As with any caching system, there's some (pretty tiny) overhead, so you don't want to cache small, quick functions; you get the most bang for the buck on ones that are relatively expensive.
Also, as with any caching system, you gain speed at the expense of memory. So if the arguments the cached functions are called with are extremely variable, and you make lots of calls and have a relatively long collection interval, you could eat up large amounts of memory and even see your performance decrease (although it would take some pretty extreme usage for this to happen in the real world).

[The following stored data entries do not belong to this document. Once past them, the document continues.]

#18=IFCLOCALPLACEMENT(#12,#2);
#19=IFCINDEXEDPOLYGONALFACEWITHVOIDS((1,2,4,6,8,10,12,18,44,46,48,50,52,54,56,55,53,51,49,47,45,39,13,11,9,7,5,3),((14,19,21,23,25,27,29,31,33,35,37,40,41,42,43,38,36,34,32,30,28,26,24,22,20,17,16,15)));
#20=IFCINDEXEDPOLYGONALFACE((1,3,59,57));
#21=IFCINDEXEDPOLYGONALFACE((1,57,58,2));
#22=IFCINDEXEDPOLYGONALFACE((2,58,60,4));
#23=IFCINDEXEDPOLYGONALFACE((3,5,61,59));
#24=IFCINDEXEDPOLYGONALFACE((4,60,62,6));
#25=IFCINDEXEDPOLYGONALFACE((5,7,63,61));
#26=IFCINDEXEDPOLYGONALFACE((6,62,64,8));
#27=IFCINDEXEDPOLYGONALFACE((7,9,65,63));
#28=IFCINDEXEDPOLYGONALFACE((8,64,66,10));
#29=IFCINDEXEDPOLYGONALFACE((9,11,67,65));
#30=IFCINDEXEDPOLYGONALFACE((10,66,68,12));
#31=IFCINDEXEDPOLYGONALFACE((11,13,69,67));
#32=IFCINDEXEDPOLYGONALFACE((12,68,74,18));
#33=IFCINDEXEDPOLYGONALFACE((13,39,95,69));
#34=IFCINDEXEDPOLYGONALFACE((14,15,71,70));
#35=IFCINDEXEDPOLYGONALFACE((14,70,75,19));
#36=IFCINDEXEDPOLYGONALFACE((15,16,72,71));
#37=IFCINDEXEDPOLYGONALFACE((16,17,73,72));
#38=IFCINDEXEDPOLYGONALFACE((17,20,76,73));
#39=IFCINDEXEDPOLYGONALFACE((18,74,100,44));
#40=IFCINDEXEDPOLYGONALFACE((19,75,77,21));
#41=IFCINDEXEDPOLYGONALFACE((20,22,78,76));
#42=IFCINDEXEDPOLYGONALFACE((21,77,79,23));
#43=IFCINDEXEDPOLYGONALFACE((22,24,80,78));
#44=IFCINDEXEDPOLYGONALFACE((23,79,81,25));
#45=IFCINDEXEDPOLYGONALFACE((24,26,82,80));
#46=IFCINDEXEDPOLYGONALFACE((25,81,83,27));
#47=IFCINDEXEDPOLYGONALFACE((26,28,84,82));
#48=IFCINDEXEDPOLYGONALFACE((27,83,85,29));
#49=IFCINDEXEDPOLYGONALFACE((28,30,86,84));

Because cache collection is done in its own thread, you can occasionally get a cached value back even when the value has theoretically expired. If a collection even occurs just before an entry expires, that entry will still be used all the way until the next collection event, whenever that is. Since the default collection interval is 2 seconds, thats the most any entry will be out of date, but if this is an issue, just set the maximum age and collection interval appropriately. In other words, to guarantee that no cache entry will ever be more than x seconds old, given that the collection interval is y seconds, set the maximum age for that cache instance to (x - y).